Ex-British government administrator Richard Robert Madden testified in the trial. He said, "...I have examined them and observed their language, appearance and manners; and I have no doubt of their having been, very recently, brought from Africa. To one of them I spoke, and repeated a Mohammedan[9] form of prayer, in the Arabic language; the man immediately recognized the language, and repeated the words ‘Allah Akbar’, or ‘God is great’. The man who was beside this Negro, I also addressed in Arabic, saying ‘salaam alaikum’, or peace be on you; he immediately, in the customary oriental salutations, replied, ‘alaikum salaam’, or peace be on you…"[10]

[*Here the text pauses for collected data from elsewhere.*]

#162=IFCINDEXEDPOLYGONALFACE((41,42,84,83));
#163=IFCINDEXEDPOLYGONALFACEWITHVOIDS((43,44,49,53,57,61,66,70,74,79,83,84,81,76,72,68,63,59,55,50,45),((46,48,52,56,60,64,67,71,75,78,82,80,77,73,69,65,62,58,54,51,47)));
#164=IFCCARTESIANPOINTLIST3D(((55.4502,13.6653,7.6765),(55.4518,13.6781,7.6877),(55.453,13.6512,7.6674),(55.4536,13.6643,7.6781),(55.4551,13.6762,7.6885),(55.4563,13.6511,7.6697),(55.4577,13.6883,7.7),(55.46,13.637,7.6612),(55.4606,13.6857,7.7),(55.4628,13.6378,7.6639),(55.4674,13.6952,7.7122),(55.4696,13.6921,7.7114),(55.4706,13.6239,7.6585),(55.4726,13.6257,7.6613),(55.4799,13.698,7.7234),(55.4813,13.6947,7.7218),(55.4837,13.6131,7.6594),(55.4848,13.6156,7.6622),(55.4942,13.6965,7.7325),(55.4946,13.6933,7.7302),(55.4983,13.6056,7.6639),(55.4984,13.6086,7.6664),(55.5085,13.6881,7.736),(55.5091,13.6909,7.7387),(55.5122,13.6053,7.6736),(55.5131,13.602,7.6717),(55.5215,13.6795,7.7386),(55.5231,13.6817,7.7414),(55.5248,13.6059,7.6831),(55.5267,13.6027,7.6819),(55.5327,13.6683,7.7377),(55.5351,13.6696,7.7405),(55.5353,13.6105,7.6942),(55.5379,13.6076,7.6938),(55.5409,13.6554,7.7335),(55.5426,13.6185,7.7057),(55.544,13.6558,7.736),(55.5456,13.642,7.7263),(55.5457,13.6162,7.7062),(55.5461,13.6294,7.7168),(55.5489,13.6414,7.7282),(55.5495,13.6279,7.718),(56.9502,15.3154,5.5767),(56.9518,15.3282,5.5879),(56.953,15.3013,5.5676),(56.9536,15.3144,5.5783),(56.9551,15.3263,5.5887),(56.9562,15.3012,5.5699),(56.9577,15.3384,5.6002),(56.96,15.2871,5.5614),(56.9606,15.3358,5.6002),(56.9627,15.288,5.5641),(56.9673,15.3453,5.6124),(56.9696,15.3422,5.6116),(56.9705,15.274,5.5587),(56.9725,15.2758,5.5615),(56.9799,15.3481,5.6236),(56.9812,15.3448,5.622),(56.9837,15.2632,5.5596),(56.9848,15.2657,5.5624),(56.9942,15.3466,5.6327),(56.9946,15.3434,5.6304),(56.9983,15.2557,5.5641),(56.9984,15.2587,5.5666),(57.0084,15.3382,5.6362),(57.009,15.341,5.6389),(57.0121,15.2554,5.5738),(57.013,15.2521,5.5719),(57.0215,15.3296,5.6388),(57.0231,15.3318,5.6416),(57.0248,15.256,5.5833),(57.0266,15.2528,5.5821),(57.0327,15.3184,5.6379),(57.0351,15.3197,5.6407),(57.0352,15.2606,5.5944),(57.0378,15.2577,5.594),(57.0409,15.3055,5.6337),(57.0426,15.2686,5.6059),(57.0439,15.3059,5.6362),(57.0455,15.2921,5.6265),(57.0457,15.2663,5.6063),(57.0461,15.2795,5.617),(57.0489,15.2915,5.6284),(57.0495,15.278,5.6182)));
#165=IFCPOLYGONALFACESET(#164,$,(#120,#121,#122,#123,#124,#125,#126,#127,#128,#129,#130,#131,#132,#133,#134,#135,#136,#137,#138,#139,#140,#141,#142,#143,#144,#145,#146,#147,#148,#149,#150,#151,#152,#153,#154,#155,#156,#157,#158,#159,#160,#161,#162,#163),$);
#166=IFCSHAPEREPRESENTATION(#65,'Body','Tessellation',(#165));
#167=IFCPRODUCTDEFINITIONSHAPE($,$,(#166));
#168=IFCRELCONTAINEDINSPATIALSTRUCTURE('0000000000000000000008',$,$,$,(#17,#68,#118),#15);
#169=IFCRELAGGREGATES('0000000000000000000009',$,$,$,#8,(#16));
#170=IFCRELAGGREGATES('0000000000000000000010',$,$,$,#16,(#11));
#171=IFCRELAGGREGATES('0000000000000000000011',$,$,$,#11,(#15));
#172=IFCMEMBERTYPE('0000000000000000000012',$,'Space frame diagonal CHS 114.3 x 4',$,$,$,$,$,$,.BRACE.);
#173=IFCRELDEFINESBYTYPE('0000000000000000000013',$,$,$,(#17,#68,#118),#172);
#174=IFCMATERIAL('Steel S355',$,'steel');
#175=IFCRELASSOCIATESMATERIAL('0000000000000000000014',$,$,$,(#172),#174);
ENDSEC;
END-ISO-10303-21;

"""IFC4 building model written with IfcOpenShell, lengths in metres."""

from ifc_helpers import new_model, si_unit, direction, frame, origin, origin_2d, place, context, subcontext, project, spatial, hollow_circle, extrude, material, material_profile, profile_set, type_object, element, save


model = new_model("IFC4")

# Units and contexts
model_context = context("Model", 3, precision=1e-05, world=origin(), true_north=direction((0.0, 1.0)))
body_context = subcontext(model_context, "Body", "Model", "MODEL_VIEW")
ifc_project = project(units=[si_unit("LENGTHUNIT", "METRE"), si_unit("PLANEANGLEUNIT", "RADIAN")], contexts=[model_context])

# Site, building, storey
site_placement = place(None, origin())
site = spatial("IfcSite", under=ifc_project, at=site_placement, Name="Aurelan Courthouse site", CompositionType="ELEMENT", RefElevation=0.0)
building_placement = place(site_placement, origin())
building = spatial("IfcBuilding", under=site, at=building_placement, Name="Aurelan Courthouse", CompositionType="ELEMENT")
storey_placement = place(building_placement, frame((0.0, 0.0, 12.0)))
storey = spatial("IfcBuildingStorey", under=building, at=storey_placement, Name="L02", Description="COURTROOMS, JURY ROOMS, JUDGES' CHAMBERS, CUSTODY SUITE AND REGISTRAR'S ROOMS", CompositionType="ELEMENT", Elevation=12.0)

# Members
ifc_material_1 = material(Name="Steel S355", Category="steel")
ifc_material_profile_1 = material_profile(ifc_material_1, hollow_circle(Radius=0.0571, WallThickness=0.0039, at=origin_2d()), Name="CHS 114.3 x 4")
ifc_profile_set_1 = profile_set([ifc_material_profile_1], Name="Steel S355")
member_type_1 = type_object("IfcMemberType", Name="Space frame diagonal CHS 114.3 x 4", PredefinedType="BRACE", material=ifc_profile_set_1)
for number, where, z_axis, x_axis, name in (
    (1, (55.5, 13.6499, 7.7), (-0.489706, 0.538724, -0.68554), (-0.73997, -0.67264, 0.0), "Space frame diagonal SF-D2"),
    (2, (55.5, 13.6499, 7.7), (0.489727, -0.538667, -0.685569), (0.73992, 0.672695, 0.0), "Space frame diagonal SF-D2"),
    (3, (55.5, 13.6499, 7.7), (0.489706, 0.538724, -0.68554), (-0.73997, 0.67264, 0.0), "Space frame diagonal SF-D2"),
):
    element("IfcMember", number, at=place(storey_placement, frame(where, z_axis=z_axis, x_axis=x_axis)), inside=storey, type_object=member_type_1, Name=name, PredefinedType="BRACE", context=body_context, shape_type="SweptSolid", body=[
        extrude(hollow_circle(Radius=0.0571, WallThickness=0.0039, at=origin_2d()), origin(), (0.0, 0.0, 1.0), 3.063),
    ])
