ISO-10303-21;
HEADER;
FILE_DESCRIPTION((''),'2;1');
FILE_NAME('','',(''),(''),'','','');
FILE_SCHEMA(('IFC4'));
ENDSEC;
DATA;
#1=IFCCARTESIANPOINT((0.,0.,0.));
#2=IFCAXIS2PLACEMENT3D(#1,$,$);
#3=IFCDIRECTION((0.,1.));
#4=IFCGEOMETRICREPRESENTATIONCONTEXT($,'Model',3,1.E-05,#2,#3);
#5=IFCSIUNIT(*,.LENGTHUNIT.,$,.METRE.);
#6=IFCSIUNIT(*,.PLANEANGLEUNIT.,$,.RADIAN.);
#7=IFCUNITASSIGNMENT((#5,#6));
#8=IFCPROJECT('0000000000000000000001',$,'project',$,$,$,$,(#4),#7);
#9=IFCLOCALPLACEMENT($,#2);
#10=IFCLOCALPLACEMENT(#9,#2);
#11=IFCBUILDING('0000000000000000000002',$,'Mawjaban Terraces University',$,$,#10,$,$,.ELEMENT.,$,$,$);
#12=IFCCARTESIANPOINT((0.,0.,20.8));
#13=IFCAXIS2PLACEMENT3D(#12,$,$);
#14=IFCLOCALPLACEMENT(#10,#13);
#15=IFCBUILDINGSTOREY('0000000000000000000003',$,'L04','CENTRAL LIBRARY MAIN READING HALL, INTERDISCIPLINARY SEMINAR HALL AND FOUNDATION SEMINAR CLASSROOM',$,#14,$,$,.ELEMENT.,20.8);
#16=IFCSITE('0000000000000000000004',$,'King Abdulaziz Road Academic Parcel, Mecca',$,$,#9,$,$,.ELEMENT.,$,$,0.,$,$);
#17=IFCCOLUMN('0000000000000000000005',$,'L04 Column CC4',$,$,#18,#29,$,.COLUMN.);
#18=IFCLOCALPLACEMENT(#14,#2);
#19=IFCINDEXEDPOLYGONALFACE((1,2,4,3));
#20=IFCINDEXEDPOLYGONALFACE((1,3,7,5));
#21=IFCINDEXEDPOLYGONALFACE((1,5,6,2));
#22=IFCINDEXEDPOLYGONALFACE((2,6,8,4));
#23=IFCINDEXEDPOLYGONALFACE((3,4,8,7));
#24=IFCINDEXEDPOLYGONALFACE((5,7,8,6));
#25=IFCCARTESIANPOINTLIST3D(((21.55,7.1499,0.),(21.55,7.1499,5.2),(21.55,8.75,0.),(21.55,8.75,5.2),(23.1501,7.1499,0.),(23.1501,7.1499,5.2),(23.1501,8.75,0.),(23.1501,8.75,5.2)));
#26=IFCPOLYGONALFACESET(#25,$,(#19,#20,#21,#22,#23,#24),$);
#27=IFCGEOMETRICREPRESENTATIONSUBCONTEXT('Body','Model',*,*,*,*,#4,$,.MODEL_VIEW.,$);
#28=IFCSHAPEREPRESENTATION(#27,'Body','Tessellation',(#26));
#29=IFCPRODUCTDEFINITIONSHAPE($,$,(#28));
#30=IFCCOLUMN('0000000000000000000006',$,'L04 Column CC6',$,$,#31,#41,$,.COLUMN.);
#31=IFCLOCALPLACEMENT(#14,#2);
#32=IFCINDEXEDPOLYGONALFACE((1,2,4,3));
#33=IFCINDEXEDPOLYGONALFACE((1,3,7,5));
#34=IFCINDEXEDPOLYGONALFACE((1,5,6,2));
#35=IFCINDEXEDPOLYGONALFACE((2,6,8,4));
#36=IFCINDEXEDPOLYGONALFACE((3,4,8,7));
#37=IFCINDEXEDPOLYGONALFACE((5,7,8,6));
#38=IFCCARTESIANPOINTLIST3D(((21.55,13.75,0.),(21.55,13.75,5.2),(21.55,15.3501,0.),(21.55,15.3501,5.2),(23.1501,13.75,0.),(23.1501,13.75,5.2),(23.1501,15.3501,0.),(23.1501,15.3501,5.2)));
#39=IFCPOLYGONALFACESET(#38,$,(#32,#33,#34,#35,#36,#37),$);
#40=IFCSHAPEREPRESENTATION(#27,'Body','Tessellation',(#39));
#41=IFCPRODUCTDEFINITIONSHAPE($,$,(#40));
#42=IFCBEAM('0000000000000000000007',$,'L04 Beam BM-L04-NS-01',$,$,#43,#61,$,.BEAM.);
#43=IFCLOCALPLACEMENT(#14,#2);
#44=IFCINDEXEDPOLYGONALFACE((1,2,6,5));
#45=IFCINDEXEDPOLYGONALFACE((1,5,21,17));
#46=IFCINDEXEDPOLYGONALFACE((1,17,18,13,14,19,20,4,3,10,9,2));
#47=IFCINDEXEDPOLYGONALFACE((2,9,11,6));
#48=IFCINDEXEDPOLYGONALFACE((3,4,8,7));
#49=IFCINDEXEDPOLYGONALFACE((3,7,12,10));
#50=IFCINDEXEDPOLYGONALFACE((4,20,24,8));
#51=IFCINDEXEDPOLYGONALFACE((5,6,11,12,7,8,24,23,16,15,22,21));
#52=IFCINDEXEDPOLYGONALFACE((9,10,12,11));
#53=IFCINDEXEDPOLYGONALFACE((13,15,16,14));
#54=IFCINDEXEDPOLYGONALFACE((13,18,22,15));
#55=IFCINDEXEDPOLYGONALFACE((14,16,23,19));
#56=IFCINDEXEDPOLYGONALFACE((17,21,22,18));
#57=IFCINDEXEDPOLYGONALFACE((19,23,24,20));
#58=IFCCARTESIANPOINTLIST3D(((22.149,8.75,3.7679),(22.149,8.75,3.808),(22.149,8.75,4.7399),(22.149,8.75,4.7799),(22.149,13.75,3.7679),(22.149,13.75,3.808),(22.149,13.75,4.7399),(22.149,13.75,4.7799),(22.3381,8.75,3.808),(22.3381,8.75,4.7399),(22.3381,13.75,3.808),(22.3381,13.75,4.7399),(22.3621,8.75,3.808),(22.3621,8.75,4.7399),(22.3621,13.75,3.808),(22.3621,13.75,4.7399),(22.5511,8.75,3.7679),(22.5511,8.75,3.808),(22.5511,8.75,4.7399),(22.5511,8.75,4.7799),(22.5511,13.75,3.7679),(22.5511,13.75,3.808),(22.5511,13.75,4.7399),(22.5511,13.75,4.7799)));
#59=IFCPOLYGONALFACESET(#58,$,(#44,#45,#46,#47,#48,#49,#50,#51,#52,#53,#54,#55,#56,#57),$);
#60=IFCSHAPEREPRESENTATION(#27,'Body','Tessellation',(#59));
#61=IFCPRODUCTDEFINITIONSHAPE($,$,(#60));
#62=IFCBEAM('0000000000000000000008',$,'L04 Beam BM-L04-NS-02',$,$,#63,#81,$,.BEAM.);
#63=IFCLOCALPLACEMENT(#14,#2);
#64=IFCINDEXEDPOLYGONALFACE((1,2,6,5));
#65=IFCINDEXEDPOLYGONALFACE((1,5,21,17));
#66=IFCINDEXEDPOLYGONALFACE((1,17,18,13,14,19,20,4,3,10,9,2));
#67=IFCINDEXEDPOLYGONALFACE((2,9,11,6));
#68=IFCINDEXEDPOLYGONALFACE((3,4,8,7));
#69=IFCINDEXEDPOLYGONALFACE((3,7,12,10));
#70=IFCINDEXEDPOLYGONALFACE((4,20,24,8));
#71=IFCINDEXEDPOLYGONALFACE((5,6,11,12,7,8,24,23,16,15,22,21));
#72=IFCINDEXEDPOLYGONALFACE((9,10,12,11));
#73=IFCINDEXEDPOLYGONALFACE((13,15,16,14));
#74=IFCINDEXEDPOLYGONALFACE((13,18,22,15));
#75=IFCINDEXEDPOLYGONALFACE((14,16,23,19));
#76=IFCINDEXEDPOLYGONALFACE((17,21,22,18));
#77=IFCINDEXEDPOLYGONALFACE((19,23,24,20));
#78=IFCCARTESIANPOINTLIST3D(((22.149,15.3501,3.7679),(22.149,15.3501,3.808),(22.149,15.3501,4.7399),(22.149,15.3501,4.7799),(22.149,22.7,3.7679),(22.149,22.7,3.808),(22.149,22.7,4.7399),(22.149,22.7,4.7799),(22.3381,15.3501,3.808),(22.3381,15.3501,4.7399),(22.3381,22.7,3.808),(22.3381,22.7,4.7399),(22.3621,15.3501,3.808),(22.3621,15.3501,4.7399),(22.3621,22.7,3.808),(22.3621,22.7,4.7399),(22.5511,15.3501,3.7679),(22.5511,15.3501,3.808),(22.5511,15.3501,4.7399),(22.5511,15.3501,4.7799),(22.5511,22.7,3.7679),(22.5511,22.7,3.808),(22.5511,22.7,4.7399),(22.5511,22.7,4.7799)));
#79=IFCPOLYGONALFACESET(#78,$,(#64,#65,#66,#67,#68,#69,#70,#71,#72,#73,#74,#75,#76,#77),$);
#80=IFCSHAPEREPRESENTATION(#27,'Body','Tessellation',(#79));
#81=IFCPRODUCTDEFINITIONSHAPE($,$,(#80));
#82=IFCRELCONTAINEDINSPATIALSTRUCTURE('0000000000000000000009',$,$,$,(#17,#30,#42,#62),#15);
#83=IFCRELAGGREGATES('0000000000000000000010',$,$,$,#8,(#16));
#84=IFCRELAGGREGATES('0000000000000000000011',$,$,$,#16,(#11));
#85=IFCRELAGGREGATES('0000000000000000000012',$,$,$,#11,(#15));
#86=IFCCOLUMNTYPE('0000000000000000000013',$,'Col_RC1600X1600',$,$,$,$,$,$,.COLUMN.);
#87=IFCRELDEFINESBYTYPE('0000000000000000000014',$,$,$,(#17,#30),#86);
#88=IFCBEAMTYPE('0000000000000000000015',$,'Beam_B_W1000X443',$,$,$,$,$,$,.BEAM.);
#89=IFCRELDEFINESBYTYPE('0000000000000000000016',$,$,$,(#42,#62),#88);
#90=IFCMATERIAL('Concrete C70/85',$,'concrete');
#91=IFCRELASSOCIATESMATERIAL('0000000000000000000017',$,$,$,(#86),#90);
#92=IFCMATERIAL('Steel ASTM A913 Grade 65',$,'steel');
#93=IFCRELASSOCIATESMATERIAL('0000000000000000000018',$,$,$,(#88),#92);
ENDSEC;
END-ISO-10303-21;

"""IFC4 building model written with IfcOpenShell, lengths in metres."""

from ifc_helpers import new_model, si_unit, direction, frame, origin, origin_2d, place, context, subcontext, project, spatial, rectangle, i_section, extrude, material, material_profile, profile_set, type_object, element, save


model = new_model("IFC4")

# Units and contexts
model_context = context("Model", 3, precision=1e-05, world=origin(), true_north=direction((0.0, 1.0)))
body_context = subcontext(model_context, "Body", "Model", "MODEL_VIEW")
ifc_project = project(units=[si_unit("LENGTHUNIT", "METRE"), si_unit("PLANEANGLEUNIT", "RADIAN")], contexts=[model_context])

# Site, building, storey
site_placement = place(None, origin())
site = spatial("IfcSite", under=ifc_project, at=site_placement, Name="King Abdulaziz Road Academic Parcel, Mecca", CompositionType="ELEMENT", RefElevation=0.0)
building_placement = place(site_placement, origin())
building = spatial("IfcBuilding", under=site, at=building_placement, Name="Mawjaban Terraces University", CompositionType="ELEMENT")
storey_placement = place(building_placement, frame((0.0, 0.0, 20.8)))
storey = spatial("IfcBuildingStorey", under=building, at=storey_placement, Name="L04", Description="CENTRAL LIBRARY MAIN READING HALL, INTERDISCIPLINARY SEMINAR HALL AND FOUNDATION SEMINAR CLASSROOM", CompositionType="ELEMENT", Elevation=20.8)

# Columns
ifc_material_1 = material(Name="Concrete C70/85", Category="concrete")
ifc_material_profile_1 = material_profile(ifc_material_1, rectangle(XDim=1.6001, YDim=1.6001, at=origin_2d()), Name="RC1600X1600")
ifc_profile_set_1 = profile_set([ifc_material_profile_1], Name="Concrete C70/85")
column_type = type_object("IfcColumnType", Name="Col_RC1600X1600", PredefinedType="COLUMN", material=ifc_profile_set_1)
for number, where, z_axis, x_axis, name in (
    (1, (22.3501, 7.95, 0.0), (0.0, 0.0, 1.0), (1.0, 0.0, 0.0), "L04 Column CC4"),
    (2, (22.3501, 14.55, 0.0), (0.0, 0.0, 1.0), (1.0, 0.0, 0.0), "L04 Column CC6"),
):
    element("IfcColumn", number, at=place(storey_placement, frame(where, z_axis=z_axis, x_axis=x_axis)), inside=storey, type_object=column_type, Name=name, PredefinedType="COLUMN", context=body_context, shape_type="SweptSolid", body=[
        extrude(rectangle(XDim=1.6001, YDim=1.6001, at=origin_2d()), origin(), (0.0, 0.0, 1.0), 5.2),
    ])

# Beams
ifc_material_2 = material(Name="Steel ASTM A913 Grade 65", Category="steel")
ifc_material_profile_2 = material_profile(ifc_material_2, i_section(OverallWidth=0.4021, OverallDepth=1.012, WebThickness=0.0239, FlangeThickness=0.04, at=origin_2d()), Name="W1000X443")
ifc_profile_set_2 = profile_set([ifc_material_profile_2], Name="Steel ASTM A913 Grade 65")
beam_type = type_object("IfcBeamType", Name="Beam_B_W1000X443", PredefinedType="BEAM", material=ifc_profile_set_2)
beam_1_placement = place(storey_placement, frame((22.3501, 8.75, 4.2739), z_axis=(0.0, 1.0, 0.0), x_axis=(-1.0, 0.0, 0.0)))
element("IfcBeam", 3, at=beam_1_placement, inside=storey, type_object=beam_type, Name="L04 Beam BM-L04-NS-01", PredefinedType="BEAM", context=body_context, shape_type="SweptSolid", body=[
    extrude(i_section(OverallWidth=0.4021, OverallDepth=1.012, WebThickness=0.0239, FlangeThickness=0.04, at=origin_2d()), origin(), (0.0, 0.0, 1.0), 5.0),
])
beam_2_placement = place(storey_placement, frame((22.3501, 15.3501, 4.2739), z_axis=(0.0, 1.0, 0.0), x_axis=(-1.0, 0.0, 0.0)))
element("IfcBeam", 4, at=beam_2_placement, inside=storey, type_object=beam_type, Name="L04 Beam BM-L04-NS-02", PredefinedType="BEAM", context=body_context, shape_type="SweptSolid", body=[
    extrude(i_section(OverallWidth=0.4021, OverallDepth=1.012, WebThickness=0.0239, FlangeThickness=0.04, at=origin_2d()), origin(), (0.0, 0.0, 1.0), 7.3499),
])

save(model, "model.ifc")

From the amount of evidence that is being unearthed it is clear that not only were Muslims amongst those men and women enslaved in the Americas, but that they were influential in the making of the American nation.
Footnotes:
[1] African Muslims in Antebellum America: Transatlantic Stories and Spiritual Struggles. Allan D. Austin. 1997. New York and London: Routledge.
[2] Servants of Allah: African Muslims Enslaved in the Americas Sylviane A. Diouf New York: New York University Press, 1998
[3] Ibid
[4] African Muslims in Antebellum America: Transatlantic Stories and Spiritual Struggles. Allan D. Austin. 1997. New York and London: Routledge.
[5] Servants of Allah: African Muslims Enslaved in the Americas Sylviane A. Diouf New York: New York University Press, 1998.
[6] (http://www.pbs.org/thisfarbyfaith/witnesses/cornelia_bailey.html)
[7] Sapelo Island’s Arabic Document: The Bilali Diary in context. B. G. Martin.The Georgia Historical Quarterly
Vol. 78, No. 3 (Fall 1994), pp. 589-601
[8] A word indicating that the slaves had been in Cuba long enough to know the language and customs.
[9] IslamReligion.com: The word Mohammedan was formerly common in usage, but the terms Muslims and Islamic are more common today.